By “wrong” here I mean “incorrectly predicted the future”. If there is a binary event, and I predicted the outcome A, but the reality delivered the outcome B, then I incorrectly predicted the future. Perhaps the source of confusion here is my inability to precisely express ideas in English (I’m a non-native English speaker), and I apologize for that.
I agree, it’s an excellent idea. In general, it’s quite possible that some politicians would use the high risk of a catastrophe (real or fake) to achieve political goals.
Maybe an intuition pump for what I think Christian is pointing at:
Assuming you have a 6-faced die, and you predict that the probability that you next will roll a 6 and not one of the other faces is about 16.67%.
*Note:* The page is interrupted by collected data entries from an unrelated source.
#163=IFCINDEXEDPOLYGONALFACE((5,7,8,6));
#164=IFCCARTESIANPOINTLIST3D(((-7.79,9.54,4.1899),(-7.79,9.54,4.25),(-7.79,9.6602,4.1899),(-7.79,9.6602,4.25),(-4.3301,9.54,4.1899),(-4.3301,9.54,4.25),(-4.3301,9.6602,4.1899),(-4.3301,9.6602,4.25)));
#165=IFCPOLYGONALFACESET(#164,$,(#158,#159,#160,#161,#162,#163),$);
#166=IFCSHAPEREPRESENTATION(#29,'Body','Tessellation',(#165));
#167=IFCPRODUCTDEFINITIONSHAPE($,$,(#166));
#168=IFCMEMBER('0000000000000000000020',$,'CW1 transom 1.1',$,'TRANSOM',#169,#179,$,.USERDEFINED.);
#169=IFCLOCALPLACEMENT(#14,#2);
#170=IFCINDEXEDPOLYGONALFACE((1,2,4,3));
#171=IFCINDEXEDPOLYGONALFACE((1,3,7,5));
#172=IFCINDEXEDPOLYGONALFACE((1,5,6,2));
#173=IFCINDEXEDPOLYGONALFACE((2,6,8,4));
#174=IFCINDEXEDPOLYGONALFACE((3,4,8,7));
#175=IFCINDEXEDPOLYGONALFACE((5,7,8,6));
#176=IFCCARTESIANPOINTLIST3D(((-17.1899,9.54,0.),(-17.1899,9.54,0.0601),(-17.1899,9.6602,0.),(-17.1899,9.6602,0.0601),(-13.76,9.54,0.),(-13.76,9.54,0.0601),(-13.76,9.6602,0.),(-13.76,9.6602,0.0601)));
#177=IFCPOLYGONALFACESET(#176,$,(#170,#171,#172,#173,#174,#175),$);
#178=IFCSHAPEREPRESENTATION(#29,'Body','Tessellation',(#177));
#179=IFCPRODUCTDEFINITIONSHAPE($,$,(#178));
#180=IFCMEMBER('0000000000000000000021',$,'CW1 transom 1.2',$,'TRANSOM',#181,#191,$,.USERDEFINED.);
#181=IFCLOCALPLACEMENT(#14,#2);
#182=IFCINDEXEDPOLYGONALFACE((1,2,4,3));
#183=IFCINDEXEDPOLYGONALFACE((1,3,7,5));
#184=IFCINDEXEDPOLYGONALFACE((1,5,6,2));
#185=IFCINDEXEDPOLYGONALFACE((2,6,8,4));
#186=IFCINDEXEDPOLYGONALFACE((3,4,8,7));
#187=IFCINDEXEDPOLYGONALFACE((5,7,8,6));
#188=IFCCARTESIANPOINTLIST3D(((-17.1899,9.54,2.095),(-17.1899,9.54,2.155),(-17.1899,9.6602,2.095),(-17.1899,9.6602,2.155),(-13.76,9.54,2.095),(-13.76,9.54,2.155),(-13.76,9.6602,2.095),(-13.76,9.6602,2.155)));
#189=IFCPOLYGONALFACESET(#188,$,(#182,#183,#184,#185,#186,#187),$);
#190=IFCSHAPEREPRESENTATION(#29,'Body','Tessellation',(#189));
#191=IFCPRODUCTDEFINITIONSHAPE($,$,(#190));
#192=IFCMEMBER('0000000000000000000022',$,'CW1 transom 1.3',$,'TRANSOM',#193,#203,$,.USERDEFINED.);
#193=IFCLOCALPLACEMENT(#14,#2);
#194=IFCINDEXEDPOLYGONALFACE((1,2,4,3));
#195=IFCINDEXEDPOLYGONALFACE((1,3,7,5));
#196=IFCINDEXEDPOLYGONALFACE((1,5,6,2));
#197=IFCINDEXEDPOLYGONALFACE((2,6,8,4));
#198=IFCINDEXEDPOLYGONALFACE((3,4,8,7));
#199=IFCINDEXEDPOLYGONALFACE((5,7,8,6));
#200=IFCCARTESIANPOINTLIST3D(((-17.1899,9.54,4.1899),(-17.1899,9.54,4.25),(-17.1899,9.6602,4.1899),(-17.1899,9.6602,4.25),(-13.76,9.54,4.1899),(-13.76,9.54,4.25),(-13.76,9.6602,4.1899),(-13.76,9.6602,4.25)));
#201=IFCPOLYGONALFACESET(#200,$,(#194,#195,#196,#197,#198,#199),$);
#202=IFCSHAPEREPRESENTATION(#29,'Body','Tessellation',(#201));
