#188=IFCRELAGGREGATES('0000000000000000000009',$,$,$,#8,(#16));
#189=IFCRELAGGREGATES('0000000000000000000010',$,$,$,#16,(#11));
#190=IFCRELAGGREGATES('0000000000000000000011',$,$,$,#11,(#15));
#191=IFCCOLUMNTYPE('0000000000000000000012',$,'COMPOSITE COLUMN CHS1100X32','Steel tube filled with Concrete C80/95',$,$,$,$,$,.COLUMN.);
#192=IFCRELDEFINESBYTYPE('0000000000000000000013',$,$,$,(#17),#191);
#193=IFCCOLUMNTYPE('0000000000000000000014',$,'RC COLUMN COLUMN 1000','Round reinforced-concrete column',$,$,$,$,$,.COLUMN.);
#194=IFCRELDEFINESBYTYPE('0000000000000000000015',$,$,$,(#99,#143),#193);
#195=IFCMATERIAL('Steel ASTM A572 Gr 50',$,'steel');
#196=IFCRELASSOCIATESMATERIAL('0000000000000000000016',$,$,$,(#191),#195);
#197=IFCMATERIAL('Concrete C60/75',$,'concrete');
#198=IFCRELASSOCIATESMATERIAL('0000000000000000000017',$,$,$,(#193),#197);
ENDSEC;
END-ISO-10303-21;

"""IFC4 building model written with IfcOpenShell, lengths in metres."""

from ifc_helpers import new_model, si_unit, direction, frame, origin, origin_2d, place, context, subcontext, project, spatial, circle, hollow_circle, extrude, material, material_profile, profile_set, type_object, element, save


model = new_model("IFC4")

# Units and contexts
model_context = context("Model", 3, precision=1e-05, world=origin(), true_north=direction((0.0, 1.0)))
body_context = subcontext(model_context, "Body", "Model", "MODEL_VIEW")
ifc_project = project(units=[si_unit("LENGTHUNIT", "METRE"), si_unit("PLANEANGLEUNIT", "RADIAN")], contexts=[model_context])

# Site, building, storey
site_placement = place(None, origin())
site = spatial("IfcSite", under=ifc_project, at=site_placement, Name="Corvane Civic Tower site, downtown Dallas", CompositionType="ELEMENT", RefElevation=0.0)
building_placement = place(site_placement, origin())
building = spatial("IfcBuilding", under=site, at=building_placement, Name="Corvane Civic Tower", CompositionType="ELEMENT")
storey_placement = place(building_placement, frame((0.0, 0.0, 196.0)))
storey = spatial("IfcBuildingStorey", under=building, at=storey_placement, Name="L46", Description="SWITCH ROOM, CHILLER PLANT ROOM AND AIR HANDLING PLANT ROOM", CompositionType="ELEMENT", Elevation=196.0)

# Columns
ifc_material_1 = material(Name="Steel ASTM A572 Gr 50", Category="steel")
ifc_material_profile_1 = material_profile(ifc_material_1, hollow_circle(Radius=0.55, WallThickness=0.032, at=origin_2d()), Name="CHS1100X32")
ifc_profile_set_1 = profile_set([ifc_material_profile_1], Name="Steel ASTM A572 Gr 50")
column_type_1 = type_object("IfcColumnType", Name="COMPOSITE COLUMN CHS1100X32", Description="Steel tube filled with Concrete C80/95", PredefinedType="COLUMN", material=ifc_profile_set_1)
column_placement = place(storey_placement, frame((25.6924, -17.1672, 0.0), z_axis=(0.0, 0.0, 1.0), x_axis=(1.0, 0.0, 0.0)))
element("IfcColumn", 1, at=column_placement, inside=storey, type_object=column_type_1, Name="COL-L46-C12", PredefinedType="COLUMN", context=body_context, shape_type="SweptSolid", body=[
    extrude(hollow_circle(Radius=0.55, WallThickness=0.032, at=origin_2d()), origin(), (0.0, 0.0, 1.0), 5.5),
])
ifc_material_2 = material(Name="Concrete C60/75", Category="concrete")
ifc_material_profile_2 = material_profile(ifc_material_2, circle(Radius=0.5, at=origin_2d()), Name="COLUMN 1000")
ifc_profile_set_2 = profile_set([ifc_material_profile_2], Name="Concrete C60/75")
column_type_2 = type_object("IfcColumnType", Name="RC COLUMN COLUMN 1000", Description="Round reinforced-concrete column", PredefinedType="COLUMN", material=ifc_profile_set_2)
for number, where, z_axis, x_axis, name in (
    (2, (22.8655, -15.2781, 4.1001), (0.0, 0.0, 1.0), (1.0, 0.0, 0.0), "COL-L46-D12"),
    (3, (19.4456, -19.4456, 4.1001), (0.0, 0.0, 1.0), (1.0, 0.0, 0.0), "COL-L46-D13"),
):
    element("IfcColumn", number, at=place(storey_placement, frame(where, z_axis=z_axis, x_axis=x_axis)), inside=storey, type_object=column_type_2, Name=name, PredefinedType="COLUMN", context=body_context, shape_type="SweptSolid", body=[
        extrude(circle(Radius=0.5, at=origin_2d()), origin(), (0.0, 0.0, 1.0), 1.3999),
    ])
Then you roll the die, and the face with the 6 comes up on top.
Was your prediction wrong?
Thanks! I think I now see the root of the confusion. These are two closely related but different tasks:
predicting the outcome of an event
estimating the probability of the outcome
In your example, the tasks could be completed as follows:
“the next roll will be a 6” (i.e I know it because the die is unfair)
“the probability of 6 is about 16.67%” (i.e I can correctly calculate it because the die is fair)
If one is trying to predict the future, one could fail either (or both) of the tasks.
In the situation there people were trying to predict if Russia invades Ukraine, some of them got the probability right, but failed to predict the actual outcome. And the aforementioned pundits failed both tasks (in my opinion), because for a well-informed person it was already clear that Russia will invade with the probability much higher than 40%.